Is androgynous fashion just a fleeting trend? Is it restricted to men in saris or confined to high-fashion runways? Is it only celebrities who endorse it?
To find answers, My Kolkata spoke to couturier Navonil Das and social media influencer Indroneel Mukherjee — two voices who’ve helped shape conversations around androgynous fashion in India. Together, they offered perspectives that challenge stereotypes and expand the boundaries of what gender-fluid fashion really means.
Defining androgynous fashion
Androgynous fashion, often used to describe gender-fluid styles, goes beyond traditional binaries. It breaks down socially constructed demarcations, allowing individuals to express themselves authentically without conforming to age-old norms.
For Navonil Das of Dev R Nil, androgyny is rooted in design, not just garments. “It’s about the same item of clothing being worn fluidly,” he explained. “Our prints are the same across menswear and womenswear.”

Designs from Dev R Nil Instagram/@devrnil
Das pointed out that what is gaining popularity today was part of his design vocabulary over 15 years ago — “When pink was still the socially accepted colour for women and blue for men,” said Das.
In one of their earliest runway shows in 2008, actress Sonakshi Sinha was the only female model and she was wearing clothes of the same print and design as her male counterparts — a deliberate act to blur gender lines on the fashion ramp — Das recalled.
Mukherjee, on the other hand, views androgynous fashion as a personal and powerful form of non-binary gender expression.

Mukherjee views androgynous fashion as a personal and powerful form of non-binary gender expression
More than just a man wearing a sari: The political fabric of androgynous fashion
For Das, androgynous fashion is not limited to saris alone. Das emphasised that androgynous fashion is about neutrality and shared space. It should be able to empower all genders with equal choice and freedom.
The term androgynous is derived from the Greek words andros (man) and gyne (woman), which symbolises the amalgamation of masculine and feminine characteristics.
However, Das acknowledged the term’s complexities. “I have strong reservations as the term is highly political,” he said. “Sometimes it becomes an excuse for appropriation and encroachment, not empowerment. When a man picks one item from a woman’s wardrobe, say a sari, and claims ownership of it, it risks erasing the woman’s struggle. You’re taking over a space that has been fought for without having lived that reality,” he explained.
For Das, fashion is not just aesthetic, it responds to the socio-political world around him. “Fashion is a statement, a form of protest, or a narration of what’s happening,” he noted.

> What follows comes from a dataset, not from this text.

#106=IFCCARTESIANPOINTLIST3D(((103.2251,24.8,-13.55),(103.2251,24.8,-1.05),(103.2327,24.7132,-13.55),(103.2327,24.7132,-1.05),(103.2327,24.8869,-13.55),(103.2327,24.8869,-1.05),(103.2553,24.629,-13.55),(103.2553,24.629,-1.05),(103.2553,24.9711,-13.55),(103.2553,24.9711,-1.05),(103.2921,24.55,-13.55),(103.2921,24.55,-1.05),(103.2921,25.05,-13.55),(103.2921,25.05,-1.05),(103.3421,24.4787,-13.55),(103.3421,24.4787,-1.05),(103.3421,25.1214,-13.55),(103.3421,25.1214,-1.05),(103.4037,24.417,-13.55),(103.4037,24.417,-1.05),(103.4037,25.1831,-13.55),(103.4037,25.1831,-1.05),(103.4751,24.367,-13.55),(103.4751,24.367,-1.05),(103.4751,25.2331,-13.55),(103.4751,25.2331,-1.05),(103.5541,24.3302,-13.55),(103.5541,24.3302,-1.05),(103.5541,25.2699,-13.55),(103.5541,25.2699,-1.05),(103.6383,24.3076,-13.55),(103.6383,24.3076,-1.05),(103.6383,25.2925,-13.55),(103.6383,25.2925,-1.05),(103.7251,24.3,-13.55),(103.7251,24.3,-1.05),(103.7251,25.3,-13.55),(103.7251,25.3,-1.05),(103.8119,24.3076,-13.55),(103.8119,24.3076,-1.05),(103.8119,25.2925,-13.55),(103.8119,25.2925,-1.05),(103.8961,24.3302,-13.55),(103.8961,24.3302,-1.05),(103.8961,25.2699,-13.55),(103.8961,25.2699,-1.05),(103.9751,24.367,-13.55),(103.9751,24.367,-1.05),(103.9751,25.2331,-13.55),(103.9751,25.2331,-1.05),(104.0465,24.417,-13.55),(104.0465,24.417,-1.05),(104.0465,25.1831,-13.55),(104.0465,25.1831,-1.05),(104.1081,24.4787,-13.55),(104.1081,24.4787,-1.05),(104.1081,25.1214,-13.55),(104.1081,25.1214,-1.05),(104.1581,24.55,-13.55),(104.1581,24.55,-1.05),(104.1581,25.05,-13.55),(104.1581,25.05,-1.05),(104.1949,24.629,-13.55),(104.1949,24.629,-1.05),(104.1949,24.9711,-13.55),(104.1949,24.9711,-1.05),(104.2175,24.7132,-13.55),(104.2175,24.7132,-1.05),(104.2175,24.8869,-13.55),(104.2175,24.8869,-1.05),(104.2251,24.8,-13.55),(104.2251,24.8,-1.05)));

Navonil Das Instagram/@navo_nil
Fashion without labels: Breaking stereotypes, one outfit at a time
Mukherjee, who credits French designer Jean Paul Gaultier as one of his inspirations, said that he personally loves wearing saris. “I think because I’m tall and healthy, saris look amazing on me. They camouflage the parts I don’t like showing. It just feels surreal and beautiful.”
Mukherjee debunked the idea of labelling certain clothes as ‘masculine’ or ‘feminine’. “Sari and dhoti are essentially the same length of fabric — it’s how you drape them that creates distinction,” he said. He recalled the time actor Ranveer Singh wore a lehenga skirt during a promotional event for his 2015 film Bajirao Mastani despite being heterosexual. Mukherjee noted how such moments challenge the misconception that only queer men opt for gender-fluid clothing.

Ranveer Singh in a lehenga skirt Instagram/@myntra
“It’s all man-made — the idea that this is for boys and this is for girls,” he said. He cited the anarkali as an example. Once worn by Mughal emperors, the outfit is now typically associated with women’s fashion.
Confidence over conformity
Addressing the remarks that he had initially been subjected to, Mukherjee said, “It’s about confidence. Initially, people passed remarks, but when I wore it [a sari] with conviction, they got used to seeing me in it. Now, many of them come and compliment me.”
Mukherjee advised budding fashion enthusiasts not to hop on to a trend blindly. “If you feel it in every inch of your being, only then should you do it. If you can carry it with confidence, trust me you’ll rock it,” the influencer added.

Mukherjee advises fashion enthusiasts not to hop on to a trend blindly
Similarly, Das noted how he sportingly accepts criticism. “Trolls look for a chink in your armour. If you're doing something original and meaningful, it will resonate. Criticism means you've made an impact,” he stated.